Here's How to Get Windows 10 for Free - Maximum PC



> the Windows team announced via the Windows blog that Microsoft will be giving away Windows 10 for free to users of Windows 10 Preview.
> 
> That's right. Even if you're on an older version of Windows, like XP, just go and install Windows 10 Technical Preview now, and when Windows 10 comes out, you'll be prompted for the full, free upgrade.


seems MS are prepared to give windows 10 away to everyone 

Not sure what impact this will have , or how well it will run on a windows XP PC


----------



## Deejay100six (Nov 24, 2007)

Well, my old machine didn't meet the hardware requirements for Windows 8 so I've got to assume it'll be the same for 10.

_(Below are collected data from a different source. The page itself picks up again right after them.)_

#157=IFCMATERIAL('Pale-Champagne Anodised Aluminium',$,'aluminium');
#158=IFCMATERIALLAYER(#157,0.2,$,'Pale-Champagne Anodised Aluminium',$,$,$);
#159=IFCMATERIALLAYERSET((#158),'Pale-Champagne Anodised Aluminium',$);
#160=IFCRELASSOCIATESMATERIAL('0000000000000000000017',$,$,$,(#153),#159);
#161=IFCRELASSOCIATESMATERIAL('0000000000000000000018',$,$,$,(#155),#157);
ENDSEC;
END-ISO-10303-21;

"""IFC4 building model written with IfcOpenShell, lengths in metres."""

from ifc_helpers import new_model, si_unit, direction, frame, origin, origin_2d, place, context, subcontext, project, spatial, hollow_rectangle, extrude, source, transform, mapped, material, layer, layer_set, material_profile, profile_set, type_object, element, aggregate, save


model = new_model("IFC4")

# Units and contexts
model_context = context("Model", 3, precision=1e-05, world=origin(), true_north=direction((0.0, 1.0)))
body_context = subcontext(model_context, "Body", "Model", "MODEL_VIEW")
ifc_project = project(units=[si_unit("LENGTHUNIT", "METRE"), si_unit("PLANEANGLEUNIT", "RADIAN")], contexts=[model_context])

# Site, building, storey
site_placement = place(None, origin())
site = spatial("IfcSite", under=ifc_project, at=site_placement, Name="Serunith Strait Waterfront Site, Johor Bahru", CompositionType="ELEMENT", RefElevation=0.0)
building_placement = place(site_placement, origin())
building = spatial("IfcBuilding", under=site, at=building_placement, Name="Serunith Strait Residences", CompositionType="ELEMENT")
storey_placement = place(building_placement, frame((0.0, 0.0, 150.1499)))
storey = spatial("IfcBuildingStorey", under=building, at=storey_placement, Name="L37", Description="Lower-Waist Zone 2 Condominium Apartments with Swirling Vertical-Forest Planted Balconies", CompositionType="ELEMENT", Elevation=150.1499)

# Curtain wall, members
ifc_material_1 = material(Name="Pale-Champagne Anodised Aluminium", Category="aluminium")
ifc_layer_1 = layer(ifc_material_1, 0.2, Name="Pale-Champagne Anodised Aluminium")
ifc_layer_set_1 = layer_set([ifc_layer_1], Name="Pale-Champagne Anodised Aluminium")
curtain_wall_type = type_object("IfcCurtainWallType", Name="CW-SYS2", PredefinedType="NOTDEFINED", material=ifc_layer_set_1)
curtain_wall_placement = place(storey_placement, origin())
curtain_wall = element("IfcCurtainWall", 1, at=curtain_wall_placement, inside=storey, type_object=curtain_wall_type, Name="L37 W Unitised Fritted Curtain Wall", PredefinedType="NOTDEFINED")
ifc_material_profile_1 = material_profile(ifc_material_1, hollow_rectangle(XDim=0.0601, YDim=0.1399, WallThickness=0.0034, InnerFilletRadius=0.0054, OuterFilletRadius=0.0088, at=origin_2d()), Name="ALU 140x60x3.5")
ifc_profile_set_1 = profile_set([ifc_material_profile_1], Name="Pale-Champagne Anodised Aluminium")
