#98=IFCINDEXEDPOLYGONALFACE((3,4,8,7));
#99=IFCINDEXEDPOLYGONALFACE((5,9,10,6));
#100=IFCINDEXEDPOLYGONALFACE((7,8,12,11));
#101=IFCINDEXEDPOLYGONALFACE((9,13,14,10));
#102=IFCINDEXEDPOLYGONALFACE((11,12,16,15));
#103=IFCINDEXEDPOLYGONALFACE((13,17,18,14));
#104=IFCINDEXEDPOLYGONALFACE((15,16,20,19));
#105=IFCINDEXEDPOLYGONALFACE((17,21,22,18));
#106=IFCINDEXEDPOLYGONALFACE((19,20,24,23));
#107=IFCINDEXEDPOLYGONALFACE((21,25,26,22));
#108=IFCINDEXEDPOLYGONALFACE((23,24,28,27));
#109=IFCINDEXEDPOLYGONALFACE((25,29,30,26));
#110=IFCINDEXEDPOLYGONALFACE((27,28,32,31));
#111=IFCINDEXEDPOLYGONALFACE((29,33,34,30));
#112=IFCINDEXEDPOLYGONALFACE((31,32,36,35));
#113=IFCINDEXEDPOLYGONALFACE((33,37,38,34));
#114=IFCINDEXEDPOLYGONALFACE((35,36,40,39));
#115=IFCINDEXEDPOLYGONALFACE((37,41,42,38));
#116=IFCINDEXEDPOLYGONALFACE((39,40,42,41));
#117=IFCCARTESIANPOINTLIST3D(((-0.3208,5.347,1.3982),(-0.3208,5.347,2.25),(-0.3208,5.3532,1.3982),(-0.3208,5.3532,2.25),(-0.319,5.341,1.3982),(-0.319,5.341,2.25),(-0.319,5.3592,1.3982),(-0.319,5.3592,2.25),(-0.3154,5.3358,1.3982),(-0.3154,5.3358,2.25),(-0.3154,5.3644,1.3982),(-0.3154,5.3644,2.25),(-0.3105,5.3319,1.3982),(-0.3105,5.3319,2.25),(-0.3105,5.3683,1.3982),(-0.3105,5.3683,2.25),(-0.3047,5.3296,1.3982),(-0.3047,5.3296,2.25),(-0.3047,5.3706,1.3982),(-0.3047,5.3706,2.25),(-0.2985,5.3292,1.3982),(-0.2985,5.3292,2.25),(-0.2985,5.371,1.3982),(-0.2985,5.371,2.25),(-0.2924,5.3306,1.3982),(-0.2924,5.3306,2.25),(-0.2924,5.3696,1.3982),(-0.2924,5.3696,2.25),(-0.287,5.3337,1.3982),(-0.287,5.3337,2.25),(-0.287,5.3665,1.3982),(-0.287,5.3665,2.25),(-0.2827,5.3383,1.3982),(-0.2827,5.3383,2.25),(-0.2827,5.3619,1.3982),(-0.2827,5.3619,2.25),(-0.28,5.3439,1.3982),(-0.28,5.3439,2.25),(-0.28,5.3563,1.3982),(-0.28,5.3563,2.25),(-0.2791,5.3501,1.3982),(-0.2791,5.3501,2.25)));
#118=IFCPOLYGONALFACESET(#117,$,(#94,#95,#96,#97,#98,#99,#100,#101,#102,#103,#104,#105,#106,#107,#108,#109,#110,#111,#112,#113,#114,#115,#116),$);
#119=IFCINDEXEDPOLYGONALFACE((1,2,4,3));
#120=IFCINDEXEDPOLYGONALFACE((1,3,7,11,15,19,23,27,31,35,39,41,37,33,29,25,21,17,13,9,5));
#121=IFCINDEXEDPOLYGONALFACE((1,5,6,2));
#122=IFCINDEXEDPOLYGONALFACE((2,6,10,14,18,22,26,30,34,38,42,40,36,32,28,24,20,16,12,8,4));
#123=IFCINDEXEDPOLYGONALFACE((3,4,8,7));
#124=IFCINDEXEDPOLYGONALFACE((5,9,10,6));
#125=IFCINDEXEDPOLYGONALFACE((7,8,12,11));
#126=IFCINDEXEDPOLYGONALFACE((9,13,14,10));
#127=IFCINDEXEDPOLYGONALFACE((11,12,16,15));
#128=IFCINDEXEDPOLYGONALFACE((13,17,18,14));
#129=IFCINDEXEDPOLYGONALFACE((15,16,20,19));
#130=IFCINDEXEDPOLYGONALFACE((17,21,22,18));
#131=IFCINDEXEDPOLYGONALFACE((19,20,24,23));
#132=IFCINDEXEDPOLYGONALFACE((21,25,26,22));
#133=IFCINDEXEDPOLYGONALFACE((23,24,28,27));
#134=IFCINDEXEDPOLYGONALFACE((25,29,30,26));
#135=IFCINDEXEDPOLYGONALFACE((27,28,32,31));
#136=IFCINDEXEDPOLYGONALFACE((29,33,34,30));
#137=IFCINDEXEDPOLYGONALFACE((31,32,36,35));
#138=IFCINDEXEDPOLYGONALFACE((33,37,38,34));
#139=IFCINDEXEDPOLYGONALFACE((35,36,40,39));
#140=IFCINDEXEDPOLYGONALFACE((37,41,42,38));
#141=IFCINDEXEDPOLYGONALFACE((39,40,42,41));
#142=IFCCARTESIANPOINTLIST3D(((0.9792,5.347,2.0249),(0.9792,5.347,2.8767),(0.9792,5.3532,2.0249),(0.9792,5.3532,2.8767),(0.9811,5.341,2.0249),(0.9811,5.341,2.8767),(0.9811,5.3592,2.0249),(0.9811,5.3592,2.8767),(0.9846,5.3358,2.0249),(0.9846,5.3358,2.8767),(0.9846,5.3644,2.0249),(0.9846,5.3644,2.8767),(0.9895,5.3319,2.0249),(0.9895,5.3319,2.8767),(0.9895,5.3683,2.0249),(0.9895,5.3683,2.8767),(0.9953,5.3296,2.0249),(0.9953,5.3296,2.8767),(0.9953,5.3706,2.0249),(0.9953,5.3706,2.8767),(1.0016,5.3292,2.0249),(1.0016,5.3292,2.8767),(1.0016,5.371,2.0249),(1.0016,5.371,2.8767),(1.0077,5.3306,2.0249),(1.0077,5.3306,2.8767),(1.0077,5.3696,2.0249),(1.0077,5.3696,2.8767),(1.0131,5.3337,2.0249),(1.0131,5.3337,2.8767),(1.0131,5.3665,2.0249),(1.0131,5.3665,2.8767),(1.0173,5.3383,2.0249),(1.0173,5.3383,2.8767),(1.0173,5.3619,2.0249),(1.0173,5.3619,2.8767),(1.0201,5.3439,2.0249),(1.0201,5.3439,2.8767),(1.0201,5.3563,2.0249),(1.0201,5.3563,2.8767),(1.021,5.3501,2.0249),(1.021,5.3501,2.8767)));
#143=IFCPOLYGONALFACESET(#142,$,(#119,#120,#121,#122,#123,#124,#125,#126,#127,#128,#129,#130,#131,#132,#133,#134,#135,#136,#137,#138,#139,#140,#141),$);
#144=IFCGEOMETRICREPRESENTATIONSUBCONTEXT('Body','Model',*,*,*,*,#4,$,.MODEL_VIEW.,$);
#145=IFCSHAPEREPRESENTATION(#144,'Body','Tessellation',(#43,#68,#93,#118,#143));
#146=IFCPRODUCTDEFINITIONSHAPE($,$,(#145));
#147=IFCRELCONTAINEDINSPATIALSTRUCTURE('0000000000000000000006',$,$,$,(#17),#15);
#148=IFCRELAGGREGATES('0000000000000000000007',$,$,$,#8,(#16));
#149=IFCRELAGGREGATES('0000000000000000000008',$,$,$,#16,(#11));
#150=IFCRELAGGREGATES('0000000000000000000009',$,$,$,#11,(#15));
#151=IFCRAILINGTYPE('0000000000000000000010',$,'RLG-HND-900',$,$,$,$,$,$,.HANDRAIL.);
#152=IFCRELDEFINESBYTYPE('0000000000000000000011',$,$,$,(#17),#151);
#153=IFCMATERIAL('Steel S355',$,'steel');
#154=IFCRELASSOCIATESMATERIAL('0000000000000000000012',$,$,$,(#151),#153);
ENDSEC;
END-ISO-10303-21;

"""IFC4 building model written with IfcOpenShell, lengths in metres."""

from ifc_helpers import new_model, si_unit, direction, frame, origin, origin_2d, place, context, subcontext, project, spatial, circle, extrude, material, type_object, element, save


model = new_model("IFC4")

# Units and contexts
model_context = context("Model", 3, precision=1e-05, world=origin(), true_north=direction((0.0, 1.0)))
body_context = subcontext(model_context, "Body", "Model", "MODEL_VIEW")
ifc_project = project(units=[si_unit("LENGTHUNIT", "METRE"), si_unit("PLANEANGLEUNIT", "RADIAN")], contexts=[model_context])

Lots of XP machines will likely have the same issue.


----------



## Masterchiefxx17 (Feb 27, 2010)

I'm not sure I'd upgrade a Windows XP machine to Windows 10, due to the old hardware it would be running.


----------



## Rich-M (May 2, 2007)

The only way to know for sure is to run the Windows 10 compatibility checker.
You can go here to reserve your free copy and when the actual 4 square white icon appears in your system tray, you can click it open and one of the things it will do is see if your hardware and software is compatible.
Windows 10 Features - Microsoft


----------



## Aura (Apr 19, 2015)

If that machine have drivers for at least Windows Vista, there's a chance that the drivers will also works for Windows 10 but I wouldn't bet on it. Pointless if the machine only something like 1GB of RAM and a 1GHz CPU or else.


----------



## sobeit (Nov 11, 2007)

Rich-M said:


> The only way to know for sure is to run the Windows 10 compatibility checker.
> You can go here to reserve your free copy and when the actual 4 square white icon appears in your system tray, you can click it open and one of the things it will do is see if your hardware and software is compatible.
> Windows 10 Features - Microsoft



compatibility checker might work for desktops but I would not trust it for laptops. see the oem manfacturer for win 10 drivers or win8. if neither, then do not attempt to upgrade.


----------



## etaf (Dec 28, 2008)

Just installed windows10 preview on a Sony Vista laptop - was a reasonable laptop - Bluray, 4GB ram - seems to be working OK - apart from a couple of missing drivers
Base System Device & Unknown Device - so will need to investigate to see what they are

see what happens and if I get the W10 free


----------



## Deejay100six (Nov 24, 2007)

Rich-M said:


> The only way to know for sure is to run the Windows 10 compatibility checker.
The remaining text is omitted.